Why does he take on so many adaptations rather than concentrating on his own new pieces? “It’s a way of learning. You have to always be learning. You don’t know it all. The Greeks, how much they knew, how much they understood about how to construct a play. If you want to learn about Ibsen, you’ve got to go and study the mechanics of what he did, because he knows more about writing an Ibsen play than anybody else does. You’ve got to learn your craft, you’ve got to keep on learning your craft and you’ve got to keep on being threatened by what other people have done before you.”

“One of the great lessons you learn in playwriting is that so much of it depends on the conversation you have with yourself in the privacy of your own table, writing your play. You need to be very tough talking to yourself. That’s one of the reasons I do seven or eight drafts. After Observe The Sons Of Ulster Marching Towards The Somme [McGuinness’s hit play of the mid 1980s, for which he received much acclaim and the Evening Standard Award for Most Promising Playwright] I had to have a very tough talk with myself and say ‘You’ve a long way to go, you don’t know it all, you’d better get back and start again.’ Basically that’s what I do with every new play. The only thing I’ve learned in my entire life is that’s what happens with every new play; you’re starting again.”

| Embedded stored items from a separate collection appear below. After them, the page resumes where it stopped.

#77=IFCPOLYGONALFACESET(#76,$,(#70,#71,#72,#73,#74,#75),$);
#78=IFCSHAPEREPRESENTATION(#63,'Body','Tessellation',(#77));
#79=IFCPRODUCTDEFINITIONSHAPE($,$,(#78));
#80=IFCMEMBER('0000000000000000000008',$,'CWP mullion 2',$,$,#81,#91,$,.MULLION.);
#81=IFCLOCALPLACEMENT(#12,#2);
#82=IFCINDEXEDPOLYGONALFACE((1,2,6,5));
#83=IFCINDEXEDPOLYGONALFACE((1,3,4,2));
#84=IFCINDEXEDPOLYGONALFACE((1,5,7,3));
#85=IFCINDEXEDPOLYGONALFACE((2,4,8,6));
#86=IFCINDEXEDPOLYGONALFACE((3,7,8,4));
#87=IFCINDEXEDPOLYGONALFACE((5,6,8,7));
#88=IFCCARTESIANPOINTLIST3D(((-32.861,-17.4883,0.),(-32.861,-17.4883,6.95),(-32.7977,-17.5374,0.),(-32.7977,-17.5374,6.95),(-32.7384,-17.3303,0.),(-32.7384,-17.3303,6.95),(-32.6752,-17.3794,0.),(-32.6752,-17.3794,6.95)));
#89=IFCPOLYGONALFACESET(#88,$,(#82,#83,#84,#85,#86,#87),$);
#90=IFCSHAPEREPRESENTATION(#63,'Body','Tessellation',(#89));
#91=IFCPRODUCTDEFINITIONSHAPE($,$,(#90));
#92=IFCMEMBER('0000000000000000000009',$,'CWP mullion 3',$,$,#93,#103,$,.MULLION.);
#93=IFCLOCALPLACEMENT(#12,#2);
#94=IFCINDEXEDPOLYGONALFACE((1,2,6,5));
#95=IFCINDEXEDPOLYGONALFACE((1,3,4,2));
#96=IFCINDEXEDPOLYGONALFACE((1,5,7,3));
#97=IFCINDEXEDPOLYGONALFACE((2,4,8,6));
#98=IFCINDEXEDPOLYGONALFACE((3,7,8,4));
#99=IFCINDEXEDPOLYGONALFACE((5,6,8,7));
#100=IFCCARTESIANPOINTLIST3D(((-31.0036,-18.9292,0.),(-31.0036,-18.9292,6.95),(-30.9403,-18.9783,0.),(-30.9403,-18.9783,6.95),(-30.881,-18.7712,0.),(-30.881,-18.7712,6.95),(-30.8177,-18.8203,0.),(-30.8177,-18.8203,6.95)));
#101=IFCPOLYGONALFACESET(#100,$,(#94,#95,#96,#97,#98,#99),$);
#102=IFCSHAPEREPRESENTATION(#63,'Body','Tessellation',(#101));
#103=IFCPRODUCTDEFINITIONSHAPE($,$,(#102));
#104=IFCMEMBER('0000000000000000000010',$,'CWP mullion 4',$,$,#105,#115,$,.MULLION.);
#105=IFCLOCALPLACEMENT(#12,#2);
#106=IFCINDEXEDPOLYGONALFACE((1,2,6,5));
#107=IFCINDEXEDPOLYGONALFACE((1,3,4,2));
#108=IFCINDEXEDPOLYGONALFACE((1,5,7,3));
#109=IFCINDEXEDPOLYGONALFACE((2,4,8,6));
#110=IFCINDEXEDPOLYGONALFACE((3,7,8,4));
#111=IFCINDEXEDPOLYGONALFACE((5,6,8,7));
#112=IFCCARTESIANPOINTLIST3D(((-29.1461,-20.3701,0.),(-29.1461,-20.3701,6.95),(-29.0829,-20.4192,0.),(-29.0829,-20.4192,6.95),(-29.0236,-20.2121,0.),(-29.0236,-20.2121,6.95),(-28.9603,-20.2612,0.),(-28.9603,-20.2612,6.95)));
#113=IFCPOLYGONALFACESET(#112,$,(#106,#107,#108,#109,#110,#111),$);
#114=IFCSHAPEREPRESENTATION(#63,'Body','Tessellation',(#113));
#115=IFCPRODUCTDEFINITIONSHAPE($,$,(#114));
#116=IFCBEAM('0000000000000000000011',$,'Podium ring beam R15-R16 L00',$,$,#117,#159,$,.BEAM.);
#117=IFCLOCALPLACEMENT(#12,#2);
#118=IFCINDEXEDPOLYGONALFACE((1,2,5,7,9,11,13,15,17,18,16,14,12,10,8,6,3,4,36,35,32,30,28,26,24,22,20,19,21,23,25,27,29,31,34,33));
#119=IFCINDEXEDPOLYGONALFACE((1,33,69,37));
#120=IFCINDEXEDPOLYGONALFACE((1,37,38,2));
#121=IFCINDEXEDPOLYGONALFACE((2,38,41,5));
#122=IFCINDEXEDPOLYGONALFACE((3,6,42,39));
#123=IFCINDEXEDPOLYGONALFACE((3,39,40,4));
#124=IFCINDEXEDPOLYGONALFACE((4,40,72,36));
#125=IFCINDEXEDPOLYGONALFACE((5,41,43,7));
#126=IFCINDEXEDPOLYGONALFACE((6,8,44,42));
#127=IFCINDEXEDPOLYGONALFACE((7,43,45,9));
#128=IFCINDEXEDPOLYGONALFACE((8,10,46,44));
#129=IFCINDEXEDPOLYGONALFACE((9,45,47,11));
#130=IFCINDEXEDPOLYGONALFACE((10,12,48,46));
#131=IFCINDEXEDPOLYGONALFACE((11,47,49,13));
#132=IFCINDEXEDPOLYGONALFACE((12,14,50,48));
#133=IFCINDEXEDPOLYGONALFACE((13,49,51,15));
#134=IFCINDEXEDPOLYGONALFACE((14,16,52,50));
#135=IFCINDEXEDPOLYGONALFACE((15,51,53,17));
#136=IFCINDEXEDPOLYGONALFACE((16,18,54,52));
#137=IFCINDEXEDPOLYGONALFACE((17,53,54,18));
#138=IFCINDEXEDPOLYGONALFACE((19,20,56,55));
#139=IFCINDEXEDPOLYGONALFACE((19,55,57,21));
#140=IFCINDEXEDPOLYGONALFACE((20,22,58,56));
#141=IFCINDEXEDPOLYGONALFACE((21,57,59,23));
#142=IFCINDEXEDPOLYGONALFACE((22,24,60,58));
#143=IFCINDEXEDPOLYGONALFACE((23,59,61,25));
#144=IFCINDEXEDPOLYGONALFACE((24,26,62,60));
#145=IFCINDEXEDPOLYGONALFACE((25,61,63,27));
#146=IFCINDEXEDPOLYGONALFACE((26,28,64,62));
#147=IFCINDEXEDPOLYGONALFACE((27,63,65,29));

To me, as McGuinness explains it, that sounds like a thankless task. To return to the very beginning after each project, to start as if you have never written a play before, must be hugely draining. “It’s tiring at times,” McGuinness confirms, “and it wears you out. Writing plays is hard, and keeping on writing plays is really hard, but it’s what I want to do and you have to pay a price for it. If this is what you want to do you should stop complaining and be grateful you have a chance to do it.”

“If you’re going into film or television you really need serious artillery around you to look after you”

A quick glance through McGuinness’s CV confirms that writing for the theatre is indeed what he wants to do. While he wrote the screenplay for Dancing At Lughnasa and recently wrote the euthanasia drama A Short Stay In Switzerland for the BBC, it is on the stage where his work is most prolific. “I know that devil,” he says. “I love that devil.”

He has a trust for theatre that other mediums don’t evoke; outside the auditorium and in the studio he feels vulnerable. “If you’re going into film or television,” he tells me, “you really need serious artillery around you to look after you.”

He had that, he says, with A Short Stay In Switzerland, which starred Julie Walters as the English doctor Anne Turner who, after being diagnosed with a neurological condition, travels to Switzerland to end her life. “That was a special project,” he admits. “I would need to find something that touched me that deeply before I do anything like that again.”

Until that comes along, he has Greta Garbo Came To Donegal and Ghosts to keep him busy, but, he says, “That’s it for the foreseeable future. I’m going away to write after that.” He doesn’t have either an image or a title to kick him off yet, which leaves him in a suspended state. “I’ll go away, wait for something to come,” he concludes. “Hope it will come soon.”